The paper - based on a qualitative research focusing on Fathering Japan and related associations concerned with raising consciousness about the involvement of fathers in child care - will offer a critical examination of this intriguing shift from ikumen to ikuboss in the context of the relationship between the family and the Japanese company. Work and Life Balance has become a hot topic in Japan. It is certainly too early to predict whether the recent ikuboss boom will mark a profound change in the nature of the strong alliance between the company, its loyal male employees and their families. Nonetheless, it is hard to ignore the active involvement of managers in forming modern fatherhood, and the "normality" of giving "managers" public recognition through the media for their role in re-designing fatherhood and caring men. Are we facing a genuine change of the corporate-family balance as it was formed in the postwar years of the economic growth, or merely the reproduction of the educational role of the company, as in the same formative years of the Japanese economy, which produced the normative "ordinary Japanese family."
Paper short abstract:
Rapid social changes lead to middle-aged couples providing elderly care for both set of parents. Men as sons and sons-in-law selectively undertake care practices that reconcile with their sense of masculinity. Such care arrangements result in sons-in-law increased importance in the family relations.
Paper long abstract:
Historically under the ie norm the first son and his wife had the duty to look after his elderly parents.
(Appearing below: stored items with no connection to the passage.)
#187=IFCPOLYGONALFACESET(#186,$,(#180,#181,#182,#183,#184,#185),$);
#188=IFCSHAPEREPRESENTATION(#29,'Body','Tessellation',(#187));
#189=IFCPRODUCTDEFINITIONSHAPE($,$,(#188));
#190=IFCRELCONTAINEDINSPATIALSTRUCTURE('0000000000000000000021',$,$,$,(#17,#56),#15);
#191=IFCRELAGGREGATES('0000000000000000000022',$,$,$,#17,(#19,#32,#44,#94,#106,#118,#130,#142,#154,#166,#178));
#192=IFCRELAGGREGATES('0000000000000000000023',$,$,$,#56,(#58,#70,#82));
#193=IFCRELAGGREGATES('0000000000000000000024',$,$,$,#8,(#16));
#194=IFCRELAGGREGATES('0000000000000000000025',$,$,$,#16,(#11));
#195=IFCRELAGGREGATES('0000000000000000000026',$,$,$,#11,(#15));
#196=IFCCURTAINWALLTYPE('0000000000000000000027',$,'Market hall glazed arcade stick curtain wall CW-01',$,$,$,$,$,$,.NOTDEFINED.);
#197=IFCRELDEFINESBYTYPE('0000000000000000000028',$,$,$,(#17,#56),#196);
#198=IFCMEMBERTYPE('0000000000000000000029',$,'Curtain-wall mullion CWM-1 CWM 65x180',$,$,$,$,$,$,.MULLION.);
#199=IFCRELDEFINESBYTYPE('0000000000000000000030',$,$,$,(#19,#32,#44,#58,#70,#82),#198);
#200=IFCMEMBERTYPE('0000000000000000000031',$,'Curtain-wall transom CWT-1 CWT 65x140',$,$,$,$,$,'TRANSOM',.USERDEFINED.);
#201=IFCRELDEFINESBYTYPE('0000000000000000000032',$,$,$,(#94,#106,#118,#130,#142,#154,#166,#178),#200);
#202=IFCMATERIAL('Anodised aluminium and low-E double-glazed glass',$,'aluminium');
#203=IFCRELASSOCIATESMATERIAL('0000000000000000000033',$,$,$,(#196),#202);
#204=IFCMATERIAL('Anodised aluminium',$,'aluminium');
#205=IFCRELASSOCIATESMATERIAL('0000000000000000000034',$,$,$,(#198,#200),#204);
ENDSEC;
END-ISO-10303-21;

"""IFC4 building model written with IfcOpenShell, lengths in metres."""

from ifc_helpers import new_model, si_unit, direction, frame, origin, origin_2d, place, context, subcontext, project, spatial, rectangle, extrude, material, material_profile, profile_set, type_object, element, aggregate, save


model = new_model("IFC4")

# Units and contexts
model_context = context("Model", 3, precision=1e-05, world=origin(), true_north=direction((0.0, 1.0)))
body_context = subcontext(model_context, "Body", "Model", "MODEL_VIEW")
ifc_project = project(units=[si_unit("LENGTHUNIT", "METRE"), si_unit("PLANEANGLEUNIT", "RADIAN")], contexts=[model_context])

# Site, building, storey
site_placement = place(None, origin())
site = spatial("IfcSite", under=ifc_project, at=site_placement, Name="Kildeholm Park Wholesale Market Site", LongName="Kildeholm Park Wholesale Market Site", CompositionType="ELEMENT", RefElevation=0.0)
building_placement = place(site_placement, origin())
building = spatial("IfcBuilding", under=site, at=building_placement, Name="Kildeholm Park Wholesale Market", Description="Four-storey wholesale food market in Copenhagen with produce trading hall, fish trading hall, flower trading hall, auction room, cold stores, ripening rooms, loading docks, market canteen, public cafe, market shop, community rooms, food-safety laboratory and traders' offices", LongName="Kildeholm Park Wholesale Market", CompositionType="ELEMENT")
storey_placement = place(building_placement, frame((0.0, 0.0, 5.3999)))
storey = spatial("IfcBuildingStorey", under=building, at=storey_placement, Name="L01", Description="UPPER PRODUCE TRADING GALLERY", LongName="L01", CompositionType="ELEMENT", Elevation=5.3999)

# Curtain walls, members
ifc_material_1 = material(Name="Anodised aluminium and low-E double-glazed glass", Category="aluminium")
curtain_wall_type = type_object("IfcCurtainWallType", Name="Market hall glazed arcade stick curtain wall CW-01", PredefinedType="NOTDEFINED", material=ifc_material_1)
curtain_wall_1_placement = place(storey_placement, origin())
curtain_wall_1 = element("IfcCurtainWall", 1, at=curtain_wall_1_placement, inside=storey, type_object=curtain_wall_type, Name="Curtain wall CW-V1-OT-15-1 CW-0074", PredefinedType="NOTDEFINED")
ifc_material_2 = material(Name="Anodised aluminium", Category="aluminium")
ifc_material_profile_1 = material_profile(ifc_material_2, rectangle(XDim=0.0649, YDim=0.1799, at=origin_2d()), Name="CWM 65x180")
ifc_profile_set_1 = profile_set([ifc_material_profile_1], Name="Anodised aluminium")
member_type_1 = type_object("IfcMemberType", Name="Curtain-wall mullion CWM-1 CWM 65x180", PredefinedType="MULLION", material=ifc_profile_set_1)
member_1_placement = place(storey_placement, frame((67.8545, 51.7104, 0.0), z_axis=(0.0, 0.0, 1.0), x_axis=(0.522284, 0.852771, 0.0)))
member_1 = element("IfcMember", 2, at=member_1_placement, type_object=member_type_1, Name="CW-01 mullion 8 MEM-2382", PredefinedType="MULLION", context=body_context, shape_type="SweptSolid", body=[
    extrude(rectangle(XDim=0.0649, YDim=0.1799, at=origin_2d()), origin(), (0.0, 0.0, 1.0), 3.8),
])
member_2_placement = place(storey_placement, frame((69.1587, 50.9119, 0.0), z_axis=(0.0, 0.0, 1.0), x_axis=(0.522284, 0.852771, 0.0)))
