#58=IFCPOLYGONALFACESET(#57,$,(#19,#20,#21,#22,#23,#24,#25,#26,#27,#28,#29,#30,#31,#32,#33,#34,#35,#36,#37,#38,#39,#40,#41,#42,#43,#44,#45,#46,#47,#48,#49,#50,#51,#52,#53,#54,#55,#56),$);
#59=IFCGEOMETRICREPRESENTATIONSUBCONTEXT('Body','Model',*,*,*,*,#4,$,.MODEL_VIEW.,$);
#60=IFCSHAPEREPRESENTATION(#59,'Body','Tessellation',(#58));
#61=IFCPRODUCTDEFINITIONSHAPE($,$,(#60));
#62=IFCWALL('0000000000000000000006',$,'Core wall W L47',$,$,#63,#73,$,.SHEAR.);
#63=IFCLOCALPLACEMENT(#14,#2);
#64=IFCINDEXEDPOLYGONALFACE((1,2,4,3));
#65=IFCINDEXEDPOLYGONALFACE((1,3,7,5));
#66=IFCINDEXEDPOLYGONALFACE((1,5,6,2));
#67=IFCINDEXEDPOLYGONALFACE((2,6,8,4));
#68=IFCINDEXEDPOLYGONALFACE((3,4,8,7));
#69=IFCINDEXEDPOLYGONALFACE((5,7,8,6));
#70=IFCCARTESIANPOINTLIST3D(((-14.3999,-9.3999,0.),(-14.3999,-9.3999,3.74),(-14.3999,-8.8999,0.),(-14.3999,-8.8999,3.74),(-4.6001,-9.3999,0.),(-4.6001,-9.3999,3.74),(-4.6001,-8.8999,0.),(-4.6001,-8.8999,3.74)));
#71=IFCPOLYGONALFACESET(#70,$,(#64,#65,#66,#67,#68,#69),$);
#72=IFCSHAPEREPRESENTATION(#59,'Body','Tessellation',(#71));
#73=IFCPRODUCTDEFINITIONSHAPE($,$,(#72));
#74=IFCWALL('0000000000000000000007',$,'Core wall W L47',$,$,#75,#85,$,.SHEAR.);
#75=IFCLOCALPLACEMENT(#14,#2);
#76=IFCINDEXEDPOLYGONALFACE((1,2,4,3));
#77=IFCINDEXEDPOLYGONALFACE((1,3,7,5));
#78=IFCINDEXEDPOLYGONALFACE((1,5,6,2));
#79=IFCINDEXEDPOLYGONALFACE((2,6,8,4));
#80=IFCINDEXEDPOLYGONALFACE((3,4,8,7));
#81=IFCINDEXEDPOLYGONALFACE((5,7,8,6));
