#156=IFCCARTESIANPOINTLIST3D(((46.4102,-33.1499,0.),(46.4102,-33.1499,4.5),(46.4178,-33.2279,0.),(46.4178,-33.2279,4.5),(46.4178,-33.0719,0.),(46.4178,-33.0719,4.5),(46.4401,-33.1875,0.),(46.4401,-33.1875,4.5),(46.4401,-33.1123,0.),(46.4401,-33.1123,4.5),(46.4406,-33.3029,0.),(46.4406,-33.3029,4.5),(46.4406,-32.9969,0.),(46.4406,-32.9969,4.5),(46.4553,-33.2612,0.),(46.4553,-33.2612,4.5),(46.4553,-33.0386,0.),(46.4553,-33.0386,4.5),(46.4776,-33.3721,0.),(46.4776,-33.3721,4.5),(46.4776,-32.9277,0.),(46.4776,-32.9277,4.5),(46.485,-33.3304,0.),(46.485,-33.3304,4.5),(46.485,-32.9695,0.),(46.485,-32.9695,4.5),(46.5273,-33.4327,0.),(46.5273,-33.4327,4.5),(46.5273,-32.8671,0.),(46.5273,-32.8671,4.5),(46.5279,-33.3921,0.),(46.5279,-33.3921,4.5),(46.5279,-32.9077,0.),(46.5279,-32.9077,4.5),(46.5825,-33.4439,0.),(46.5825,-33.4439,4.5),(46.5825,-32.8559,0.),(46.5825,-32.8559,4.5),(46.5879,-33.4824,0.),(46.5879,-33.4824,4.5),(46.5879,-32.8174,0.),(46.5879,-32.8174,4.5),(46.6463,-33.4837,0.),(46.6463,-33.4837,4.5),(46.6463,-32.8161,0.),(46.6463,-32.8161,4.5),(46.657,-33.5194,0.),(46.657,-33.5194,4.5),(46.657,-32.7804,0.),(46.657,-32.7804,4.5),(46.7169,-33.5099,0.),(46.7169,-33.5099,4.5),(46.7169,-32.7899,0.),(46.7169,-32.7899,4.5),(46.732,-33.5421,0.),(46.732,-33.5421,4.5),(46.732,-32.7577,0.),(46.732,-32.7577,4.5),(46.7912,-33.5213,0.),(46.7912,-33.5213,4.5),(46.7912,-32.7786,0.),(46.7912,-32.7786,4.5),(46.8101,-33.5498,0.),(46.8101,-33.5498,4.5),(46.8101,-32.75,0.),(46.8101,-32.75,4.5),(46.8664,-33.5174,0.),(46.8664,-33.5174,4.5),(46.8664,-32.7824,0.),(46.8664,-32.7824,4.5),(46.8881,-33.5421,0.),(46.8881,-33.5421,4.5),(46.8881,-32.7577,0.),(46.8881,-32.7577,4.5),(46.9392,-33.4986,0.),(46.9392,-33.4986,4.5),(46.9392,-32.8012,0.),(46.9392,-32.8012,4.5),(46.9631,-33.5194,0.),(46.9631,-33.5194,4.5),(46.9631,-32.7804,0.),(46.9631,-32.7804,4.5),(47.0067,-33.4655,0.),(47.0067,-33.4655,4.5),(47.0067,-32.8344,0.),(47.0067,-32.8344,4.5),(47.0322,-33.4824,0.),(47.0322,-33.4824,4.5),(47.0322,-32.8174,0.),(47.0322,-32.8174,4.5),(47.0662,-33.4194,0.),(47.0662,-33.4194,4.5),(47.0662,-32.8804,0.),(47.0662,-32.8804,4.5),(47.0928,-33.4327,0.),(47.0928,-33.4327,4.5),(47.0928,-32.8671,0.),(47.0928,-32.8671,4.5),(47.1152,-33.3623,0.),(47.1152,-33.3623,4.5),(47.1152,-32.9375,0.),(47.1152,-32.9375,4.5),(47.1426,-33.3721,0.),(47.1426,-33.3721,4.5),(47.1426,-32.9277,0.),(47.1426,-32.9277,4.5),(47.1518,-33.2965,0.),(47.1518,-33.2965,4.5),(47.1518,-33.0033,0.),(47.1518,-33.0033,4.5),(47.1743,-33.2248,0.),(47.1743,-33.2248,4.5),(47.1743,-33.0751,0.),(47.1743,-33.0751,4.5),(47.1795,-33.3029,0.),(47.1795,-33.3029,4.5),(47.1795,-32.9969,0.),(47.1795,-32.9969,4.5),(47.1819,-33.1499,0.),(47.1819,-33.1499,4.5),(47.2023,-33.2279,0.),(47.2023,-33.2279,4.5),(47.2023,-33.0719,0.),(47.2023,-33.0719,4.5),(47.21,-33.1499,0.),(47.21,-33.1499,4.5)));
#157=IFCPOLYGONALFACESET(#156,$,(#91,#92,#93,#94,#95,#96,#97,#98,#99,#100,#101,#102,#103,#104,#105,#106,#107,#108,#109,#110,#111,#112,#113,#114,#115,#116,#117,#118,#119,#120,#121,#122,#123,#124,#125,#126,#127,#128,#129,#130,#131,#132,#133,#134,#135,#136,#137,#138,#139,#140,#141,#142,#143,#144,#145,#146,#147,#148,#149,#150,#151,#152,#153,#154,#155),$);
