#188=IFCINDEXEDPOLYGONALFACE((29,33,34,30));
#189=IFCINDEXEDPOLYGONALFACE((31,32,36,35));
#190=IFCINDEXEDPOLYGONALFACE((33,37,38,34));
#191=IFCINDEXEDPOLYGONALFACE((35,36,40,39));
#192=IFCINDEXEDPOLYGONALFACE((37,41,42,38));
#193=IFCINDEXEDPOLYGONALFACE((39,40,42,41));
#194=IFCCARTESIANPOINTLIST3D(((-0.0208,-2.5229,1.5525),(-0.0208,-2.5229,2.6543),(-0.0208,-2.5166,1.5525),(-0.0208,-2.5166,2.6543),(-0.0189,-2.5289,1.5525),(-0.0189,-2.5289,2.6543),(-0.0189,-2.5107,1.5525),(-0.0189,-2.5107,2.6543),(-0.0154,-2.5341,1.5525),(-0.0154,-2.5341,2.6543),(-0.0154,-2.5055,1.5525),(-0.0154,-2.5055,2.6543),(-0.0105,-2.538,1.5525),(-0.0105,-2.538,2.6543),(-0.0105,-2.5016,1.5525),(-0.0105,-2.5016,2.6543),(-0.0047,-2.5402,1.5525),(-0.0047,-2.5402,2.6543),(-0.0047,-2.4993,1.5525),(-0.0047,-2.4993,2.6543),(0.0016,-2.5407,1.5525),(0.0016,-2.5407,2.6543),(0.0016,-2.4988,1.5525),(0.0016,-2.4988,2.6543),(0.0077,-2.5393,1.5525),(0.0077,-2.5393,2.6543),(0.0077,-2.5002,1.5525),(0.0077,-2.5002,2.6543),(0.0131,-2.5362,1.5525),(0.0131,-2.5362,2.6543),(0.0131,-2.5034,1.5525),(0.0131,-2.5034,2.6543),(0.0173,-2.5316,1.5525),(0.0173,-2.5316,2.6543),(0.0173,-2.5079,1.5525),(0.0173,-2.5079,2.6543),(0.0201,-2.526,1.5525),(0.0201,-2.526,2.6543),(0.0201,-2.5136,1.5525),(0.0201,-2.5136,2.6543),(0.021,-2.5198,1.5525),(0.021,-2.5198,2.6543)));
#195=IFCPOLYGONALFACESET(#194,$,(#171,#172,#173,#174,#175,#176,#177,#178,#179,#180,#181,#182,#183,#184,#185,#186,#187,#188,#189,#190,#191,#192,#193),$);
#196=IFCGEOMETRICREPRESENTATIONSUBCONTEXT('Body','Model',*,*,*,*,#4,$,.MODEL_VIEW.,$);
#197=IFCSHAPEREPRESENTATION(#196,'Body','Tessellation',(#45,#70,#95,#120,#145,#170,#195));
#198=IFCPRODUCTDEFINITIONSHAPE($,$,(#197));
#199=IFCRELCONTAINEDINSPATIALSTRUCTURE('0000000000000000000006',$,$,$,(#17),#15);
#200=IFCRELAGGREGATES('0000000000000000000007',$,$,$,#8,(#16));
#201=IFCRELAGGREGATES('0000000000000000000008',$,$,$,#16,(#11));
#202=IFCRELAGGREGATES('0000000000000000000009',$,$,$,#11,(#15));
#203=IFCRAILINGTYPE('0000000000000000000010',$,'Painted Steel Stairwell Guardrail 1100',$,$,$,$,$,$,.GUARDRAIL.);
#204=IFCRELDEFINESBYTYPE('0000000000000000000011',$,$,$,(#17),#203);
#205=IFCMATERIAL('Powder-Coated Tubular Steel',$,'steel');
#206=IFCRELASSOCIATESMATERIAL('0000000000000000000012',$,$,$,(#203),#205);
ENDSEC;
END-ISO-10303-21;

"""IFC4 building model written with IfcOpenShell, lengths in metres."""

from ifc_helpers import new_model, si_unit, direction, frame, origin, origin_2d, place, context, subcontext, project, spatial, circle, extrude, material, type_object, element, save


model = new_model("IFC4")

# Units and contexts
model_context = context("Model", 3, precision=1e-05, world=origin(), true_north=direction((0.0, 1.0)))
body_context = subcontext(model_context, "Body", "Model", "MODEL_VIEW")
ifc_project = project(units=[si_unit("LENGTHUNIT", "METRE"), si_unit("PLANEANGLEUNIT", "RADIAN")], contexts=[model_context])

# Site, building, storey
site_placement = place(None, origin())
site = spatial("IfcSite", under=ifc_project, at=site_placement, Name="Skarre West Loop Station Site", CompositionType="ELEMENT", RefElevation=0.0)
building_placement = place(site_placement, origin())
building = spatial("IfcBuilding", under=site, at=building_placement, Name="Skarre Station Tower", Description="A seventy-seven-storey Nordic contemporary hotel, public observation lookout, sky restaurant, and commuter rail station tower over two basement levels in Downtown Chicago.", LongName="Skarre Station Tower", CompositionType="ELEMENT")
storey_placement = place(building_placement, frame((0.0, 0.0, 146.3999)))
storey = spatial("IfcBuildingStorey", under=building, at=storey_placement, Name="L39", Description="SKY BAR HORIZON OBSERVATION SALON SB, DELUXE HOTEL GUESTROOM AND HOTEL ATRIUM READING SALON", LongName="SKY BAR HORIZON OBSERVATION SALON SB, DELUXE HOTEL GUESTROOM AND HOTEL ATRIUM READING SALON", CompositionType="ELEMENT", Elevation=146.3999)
Rapid social changes, such as aging population, decreasing birth-rate, declining Confucian belief, and changes in parent-children relationships, increasingly place pressure on younger people who may even need to look after both sets of parents. Based on fieldwork of middle aged married couples in Hōjō city, Hyōgo, in 2014, I ask how the couples arrange care for all their elder parents, negotiating their roles amongst themselves and their siblings. My main focus is on how men reconcile their involvement in elderly care with their sense of masculinity, as elderly care has been considered a domain of women even when the first sons had the duty of care. Daughters, who increasingly commit to care for their own parents, negotiate support with their siblings, which may lead to harmonious and conflictual relations. The wife also draws her husband, the son-in-law, into providing care for parents-in-law to perform selected activities, 'additional help', such as accompanying to hospital or cutting weeds, which they consider part of the chikara shigoto (heavy work) of elderly care, which allows the husband to reconcile his involvement with his sense of masculinity. In turn, the wife's appreciation for his help supports her performing elderly care for the husband's parents, allowing the husband to fulfil his weakened, but not absent, sense of filial duty to his parents. Thus, although in the discussions of Japanese family relationships sons-in-law are traditionally marginal, my ethnographic research suggests that sons-in-law are increasingly important in the Japanese family relations.